Today’s Editorial May 12: Don’t over-develop the Brac

News of development on Cayman Brac is good and welcome.

But we want to make sure that the Brac doesn’t become like Grand Cayman.

Many of us can remember a Grand Cayman that wasn’t overdeveloped and traffic wasn’t a problem.

In fact, travelling to Cayman Brac is like going back in time to Grand Cayman.

Our Sister Islands supplement, which was published and produced last month, tells of the peace and tranquillity that exists on Cayman Brac and Little Cayman.

In it we hear the voices of old time Caymanians who want their islands to remain the quaint, quiet places of diversion that they are.

Ask any native Bracker or Little Caymanian and they’ll tell you – they don’t want their islands to turn into what Grand Cayman has become, especially on Seven Mile Beach.

And it is refreshing to know that we on Grand Cayman can go to the Brac or Little Cayman to get away from the hustle and bustle that has become Grand Cayman.

We do welcome the new hotel that is being built on the Brac. It is sorely needed.
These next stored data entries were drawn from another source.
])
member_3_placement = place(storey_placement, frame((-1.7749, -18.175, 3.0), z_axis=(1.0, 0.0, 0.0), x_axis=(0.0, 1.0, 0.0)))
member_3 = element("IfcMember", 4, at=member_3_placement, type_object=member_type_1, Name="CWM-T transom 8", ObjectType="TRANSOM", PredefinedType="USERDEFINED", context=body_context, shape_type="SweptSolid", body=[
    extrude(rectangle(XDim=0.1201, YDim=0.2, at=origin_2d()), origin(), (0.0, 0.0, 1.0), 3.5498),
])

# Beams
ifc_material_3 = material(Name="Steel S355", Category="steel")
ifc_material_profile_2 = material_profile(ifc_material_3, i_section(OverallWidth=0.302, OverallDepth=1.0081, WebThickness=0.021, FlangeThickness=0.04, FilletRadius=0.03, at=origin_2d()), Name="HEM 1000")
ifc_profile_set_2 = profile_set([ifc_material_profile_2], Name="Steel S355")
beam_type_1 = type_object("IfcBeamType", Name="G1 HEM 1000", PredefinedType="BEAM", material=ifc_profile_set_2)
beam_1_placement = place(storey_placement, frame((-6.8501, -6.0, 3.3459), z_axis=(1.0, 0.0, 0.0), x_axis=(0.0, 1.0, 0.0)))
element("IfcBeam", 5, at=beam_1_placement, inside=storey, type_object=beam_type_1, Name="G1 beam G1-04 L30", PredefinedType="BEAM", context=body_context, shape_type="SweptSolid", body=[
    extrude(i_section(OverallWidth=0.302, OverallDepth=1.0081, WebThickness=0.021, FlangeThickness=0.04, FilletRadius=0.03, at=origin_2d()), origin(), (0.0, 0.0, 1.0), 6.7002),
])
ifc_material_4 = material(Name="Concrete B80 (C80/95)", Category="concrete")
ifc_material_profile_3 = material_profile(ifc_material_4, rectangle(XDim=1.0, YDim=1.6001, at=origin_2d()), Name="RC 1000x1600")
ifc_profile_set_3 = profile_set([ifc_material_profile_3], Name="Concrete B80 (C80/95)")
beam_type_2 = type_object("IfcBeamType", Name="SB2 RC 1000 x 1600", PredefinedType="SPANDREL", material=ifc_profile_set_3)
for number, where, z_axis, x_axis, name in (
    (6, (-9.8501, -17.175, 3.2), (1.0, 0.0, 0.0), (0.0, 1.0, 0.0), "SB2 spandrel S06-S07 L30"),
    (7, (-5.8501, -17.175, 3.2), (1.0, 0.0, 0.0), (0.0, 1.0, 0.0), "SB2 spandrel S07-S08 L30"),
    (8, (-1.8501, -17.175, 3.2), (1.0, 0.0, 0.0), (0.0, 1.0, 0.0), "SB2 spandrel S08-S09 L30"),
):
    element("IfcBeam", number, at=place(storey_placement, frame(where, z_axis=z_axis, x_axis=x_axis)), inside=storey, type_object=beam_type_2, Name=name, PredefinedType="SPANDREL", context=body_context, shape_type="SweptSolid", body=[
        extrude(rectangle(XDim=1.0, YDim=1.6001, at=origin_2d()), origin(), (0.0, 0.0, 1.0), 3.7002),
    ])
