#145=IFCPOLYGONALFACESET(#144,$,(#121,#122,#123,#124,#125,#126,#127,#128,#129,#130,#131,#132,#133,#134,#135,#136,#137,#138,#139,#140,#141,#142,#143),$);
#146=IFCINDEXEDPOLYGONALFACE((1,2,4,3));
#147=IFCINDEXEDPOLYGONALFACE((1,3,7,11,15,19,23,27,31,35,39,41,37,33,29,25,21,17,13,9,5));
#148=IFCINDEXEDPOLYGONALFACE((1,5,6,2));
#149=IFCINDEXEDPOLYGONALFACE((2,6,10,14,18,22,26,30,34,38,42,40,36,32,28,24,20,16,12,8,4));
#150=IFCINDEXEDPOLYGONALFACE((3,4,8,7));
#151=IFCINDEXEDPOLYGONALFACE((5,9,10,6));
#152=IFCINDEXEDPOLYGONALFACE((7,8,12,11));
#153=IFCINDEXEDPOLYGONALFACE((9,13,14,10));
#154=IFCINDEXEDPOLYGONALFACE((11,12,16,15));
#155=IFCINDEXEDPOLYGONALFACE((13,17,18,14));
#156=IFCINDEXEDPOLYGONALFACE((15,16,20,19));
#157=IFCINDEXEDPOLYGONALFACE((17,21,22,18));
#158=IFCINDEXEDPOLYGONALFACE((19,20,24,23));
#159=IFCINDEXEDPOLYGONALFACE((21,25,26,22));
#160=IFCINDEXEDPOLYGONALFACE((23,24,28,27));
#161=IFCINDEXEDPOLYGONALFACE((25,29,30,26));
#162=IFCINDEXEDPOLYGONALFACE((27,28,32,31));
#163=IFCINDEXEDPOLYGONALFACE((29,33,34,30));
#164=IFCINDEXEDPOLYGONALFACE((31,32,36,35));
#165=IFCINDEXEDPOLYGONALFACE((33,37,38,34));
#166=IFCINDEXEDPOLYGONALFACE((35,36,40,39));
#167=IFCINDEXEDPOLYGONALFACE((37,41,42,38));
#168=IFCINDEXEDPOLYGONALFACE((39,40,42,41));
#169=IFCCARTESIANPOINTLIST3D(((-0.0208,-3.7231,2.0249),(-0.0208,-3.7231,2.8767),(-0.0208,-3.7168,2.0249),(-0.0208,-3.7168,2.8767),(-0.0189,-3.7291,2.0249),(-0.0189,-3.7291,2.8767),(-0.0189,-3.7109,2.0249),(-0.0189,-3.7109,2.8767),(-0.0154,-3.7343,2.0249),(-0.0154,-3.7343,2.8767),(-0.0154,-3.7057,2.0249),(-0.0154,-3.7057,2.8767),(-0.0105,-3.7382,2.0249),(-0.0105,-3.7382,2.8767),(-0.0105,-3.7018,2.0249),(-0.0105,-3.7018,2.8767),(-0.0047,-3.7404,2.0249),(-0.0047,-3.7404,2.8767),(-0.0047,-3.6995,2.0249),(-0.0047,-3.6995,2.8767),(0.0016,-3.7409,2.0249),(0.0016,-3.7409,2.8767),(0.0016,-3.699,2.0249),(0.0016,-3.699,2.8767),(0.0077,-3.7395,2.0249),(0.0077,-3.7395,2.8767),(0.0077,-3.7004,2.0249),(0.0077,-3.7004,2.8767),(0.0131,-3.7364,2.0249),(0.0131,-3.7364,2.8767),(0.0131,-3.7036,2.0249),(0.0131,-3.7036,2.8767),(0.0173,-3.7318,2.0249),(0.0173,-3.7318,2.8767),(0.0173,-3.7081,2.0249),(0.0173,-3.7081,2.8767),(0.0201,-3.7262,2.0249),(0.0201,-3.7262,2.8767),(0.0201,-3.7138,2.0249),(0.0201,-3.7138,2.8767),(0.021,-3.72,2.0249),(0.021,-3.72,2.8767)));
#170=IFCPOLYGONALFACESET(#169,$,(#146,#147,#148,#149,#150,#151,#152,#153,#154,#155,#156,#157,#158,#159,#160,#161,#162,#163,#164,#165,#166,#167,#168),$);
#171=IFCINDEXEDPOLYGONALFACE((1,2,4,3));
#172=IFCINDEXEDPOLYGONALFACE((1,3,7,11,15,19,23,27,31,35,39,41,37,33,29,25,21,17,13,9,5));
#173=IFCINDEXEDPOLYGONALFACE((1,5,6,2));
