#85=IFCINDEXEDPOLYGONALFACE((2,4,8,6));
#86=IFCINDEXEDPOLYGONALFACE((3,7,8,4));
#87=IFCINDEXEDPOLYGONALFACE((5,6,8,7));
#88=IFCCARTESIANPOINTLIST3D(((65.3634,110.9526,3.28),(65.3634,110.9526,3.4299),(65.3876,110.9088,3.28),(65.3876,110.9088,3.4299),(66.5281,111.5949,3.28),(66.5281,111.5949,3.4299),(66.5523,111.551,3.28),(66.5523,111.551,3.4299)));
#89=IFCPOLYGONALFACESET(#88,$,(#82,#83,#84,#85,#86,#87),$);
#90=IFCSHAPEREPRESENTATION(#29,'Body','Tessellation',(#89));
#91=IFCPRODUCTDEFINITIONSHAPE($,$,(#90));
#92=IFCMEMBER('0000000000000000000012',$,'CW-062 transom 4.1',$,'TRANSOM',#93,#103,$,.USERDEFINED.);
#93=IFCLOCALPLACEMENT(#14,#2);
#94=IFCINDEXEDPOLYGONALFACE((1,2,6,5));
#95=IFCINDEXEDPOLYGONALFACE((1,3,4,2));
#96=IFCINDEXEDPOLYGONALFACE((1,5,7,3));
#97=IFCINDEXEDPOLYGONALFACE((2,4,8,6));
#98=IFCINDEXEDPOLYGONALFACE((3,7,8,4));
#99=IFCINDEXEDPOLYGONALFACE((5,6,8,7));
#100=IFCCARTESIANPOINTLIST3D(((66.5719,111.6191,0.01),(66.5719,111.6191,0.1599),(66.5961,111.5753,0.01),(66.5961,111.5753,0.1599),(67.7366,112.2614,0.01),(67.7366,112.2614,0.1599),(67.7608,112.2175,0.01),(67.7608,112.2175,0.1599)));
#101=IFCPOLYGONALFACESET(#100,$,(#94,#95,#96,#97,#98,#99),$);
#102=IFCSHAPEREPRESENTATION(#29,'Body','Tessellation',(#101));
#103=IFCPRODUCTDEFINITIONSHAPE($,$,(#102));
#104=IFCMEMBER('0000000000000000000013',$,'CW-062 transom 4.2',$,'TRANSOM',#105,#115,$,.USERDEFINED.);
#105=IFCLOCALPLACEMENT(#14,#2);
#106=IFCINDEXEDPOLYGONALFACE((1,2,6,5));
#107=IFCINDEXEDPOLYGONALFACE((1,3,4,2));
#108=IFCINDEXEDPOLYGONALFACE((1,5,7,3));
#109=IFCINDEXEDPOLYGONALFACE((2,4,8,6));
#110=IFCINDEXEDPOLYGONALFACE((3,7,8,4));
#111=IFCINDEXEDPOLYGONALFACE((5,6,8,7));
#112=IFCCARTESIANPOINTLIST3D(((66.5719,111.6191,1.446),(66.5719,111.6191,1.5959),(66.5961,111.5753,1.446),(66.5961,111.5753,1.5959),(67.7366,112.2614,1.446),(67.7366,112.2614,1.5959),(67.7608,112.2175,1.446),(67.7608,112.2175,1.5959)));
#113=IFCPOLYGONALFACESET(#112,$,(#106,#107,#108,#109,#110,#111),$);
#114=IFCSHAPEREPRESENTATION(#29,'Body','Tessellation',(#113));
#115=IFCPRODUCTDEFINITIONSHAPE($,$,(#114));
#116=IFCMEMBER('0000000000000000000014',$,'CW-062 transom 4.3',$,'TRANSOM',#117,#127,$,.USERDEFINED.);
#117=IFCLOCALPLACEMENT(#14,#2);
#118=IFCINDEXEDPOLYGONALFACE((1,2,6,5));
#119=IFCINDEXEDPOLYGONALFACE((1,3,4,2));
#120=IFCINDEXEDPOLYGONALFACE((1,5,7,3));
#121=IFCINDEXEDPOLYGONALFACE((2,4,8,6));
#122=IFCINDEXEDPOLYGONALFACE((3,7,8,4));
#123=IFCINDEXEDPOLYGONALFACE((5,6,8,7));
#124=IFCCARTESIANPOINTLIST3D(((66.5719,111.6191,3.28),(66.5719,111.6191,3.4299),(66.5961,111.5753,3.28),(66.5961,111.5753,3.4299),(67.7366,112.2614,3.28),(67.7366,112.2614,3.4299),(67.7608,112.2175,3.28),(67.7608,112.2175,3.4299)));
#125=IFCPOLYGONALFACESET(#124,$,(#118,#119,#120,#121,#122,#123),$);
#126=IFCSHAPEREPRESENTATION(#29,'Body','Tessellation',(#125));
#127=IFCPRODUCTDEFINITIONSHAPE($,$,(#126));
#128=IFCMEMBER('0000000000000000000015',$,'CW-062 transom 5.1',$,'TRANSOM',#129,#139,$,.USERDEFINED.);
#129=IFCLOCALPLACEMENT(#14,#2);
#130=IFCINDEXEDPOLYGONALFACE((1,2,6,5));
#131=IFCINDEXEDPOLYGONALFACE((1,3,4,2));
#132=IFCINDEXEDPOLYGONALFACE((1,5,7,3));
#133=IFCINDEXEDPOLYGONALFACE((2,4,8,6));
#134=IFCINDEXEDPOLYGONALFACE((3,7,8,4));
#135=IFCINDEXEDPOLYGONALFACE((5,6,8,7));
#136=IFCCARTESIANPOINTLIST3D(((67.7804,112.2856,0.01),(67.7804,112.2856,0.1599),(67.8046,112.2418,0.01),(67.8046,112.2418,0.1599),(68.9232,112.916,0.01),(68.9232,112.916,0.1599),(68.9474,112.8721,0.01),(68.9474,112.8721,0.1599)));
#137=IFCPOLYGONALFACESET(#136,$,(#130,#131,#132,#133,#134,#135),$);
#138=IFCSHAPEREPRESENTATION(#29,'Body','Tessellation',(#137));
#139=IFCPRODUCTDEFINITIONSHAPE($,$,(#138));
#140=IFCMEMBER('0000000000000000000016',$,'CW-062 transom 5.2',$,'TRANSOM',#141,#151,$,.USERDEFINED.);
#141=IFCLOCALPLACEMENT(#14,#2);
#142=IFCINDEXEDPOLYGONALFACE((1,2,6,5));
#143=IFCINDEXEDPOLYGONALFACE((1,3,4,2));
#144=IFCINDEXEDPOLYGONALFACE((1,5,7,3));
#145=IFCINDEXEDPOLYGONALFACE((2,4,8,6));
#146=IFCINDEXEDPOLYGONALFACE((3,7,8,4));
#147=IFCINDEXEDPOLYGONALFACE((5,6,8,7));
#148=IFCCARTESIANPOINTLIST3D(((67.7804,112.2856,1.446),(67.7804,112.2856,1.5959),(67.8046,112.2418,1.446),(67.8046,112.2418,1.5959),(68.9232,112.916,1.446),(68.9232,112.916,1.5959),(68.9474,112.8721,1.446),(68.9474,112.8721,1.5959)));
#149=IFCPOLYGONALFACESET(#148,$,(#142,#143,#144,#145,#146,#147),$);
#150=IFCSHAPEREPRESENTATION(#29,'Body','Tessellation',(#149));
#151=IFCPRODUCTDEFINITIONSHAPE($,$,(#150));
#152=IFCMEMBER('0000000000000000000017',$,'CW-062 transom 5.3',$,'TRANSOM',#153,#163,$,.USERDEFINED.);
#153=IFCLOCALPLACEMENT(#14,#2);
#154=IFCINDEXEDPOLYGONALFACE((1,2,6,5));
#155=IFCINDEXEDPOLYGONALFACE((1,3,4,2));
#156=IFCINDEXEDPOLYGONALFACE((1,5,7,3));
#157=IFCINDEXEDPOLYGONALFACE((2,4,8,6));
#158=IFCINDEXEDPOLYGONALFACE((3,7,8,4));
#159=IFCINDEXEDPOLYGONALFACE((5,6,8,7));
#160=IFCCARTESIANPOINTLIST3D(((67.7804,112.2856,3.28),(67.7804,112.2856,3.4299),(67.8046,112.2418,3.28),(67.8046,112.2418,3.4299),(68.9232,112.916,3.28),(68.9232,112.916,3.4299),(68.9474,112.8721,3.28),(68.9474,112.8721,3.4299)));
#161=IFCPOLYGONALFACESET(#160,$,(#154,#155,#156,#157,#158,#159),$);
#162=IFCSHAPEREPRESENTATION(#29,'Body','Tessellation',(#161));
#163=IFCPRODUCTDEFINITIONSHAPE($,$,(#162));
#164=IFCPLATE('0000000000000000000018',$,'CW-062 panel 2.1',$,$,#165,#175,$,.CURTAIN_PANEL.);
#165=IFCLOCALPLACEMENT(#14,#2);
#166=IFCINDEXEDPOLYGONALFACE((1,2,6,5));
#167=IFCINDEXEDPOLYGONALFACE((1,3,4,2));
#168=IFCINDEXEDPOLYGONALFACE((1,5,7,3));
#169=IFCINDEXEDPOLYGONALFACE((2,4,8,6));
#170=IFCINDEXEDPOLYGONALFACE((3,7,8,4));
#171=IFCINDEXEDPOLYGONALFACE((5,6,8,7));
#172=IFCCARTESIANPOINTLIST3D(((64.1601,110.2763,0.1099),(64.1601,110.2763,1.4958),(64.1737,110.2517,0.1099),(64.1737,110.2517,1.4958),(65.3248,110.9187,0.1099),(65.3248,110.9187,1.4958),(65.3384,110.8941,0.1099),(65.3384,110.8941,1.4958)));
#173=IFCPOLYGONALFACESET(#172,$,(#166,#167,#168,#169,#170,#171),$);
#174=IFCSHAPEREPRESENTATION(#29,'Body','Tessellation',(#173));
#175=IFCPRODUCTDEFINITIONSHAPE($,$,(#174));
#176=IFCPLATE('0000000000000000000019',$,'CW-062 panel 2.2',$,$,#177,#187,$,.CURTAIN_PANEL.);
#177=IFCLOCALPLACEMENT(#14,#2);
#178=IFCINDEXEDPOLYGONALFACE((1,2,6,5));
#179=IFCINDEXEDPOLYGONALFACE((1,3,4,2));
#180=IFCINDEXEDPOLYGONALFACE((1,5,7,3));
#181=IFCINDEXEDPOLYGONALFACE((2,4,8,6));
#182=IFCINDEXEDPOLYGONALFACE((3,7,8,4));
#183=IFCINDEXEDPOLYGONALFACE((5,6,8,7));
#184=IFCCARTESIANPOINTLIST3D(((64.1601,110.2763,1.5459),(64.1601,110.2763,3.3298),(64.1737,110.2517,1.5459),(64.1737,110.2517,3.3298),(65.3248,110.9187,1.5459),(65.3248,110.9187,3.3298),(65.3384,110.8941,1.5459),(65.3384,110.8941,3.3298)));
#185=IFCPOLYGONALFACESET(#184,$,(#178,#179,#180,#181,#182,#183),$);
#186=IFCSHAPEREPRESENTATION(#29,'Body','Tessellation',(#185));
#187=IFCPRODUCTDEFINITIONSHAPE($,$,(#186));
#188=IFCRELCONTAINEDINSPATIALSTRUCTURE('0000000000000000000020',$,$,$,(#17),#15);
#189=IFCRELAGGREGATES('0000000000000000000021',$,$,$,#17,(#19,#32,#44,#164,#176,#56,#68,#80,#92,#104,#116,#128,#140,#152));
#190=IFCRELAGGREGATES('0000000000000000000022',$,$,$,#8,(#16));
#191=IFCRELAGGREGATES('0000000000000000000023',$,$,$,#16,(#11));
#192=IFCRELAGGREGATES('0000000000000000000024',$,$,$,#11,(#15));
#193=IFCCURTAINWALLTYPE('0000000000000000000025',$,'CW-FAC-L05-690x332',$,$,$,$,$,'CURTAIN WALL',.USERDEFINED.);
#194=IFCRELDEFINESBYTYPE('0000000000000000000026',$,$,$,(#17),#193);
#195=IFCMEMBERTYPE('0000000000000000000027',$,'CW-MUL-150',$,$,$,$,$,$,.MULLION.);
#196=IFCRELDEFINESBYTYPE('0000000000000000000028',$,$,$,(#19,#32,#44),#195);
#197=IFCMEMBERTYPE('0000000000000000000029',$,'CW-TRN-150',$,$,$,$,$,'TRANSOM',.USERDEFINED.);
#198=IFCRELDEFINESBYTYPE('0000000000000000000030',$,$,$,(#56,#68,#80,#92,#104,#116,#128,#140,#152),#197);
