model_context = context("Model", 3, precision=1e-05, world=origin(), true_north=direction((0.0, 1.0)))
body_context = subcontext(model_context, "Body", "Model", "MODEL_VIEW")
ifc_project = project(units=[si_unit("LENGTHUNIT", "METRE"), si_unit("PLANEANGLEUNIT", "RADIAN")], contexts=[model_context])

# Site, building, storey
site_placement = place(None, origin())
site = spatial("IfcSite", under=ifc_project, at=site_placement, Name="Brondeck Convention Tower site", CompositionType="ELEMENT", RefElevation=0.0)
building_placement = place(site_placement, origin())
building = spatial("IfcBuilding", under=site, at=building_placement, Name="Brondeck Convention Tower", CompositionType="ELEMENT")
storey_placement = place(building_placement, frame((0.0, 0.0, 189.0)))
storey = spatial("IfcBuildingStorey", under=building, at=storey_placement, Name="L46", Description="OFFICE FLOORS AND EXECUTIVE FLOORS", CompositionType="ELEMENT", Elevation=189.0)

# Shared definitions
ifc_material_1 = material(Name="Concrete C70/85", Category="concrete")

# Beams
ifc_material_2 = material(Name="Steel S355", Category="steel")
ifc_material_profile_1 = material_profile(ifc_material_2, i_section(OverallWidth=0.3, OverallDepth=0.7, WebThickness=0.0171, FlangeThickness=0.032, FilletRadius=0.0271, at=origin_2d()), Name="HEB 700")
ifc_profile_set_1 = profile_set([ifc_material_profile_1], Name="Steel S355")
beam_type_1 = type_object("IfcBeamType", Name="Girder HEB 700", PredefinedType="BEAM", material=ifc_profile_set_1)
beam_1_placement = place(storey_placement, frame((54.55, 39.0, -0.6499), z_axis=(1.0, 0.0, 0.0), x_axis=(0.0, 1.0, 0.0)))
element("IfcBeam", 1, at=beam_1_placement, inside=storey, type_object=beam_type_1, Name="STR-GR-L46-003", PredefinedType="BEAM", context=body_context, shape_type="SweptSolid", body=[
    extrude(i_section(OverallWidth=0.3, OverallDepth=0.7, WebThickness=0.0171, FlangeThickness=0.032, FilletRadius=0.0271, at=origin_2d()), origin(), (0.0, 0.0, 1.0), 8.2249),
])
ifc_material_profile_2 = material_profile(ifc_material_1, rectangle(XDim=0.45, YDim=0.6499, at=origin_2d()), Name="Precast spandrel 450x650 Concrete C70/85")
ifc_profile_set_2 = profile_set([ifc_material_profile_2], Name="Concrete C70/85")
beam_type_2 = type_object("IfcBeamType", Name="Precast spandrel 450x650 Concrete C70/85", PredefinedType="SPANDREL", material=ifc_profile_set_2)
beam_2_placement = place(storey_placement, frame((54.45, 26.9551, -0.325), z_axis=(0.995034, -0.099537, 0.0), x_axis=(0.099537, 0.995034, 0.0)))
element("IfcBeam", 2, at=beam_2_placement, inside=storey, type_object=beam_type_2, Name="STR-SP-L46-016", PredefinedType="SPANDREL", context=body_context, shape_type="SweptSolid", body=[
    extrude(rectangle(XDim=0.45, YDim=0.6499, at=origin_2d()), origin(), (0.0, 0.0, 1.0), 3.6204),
We have to wonder, though, what is being done about the Divi Tiari development. It is eerily vacant and steadily falling into a state of neglect and decline.

It is an eyesore and sends a negative message to visitors.

On a positive note, we are pleased that the University College of the Cayman Islands has seen fit to put a satellite school on the Brac.

It means that students don’t have to leave home to further their education and that older people can take classes to expand their knowledge base.

We hope the scope of offerings can be expanded to include more diverse courses over time.

Both Cayman Brac and Little Cayman are unspoiled jewels in the Caribbean Sea.

While development is welcomed and needed, we hope that planners keep in mind the beauty of these two places and not allow overdevelopment.

It’s hard to tell on Grand Cayman, in the overdeveloped areas, whether you are on an island or in Miami.

That’s just something we don’t need on Cayman Brac.

Or, for that matter Little Cayman.

Ask any native Bracker or Little Caymanian and they’ll tell you – they don’t want their islands to turn into what Grand Cayman has become, especially on Seven Mile Beach.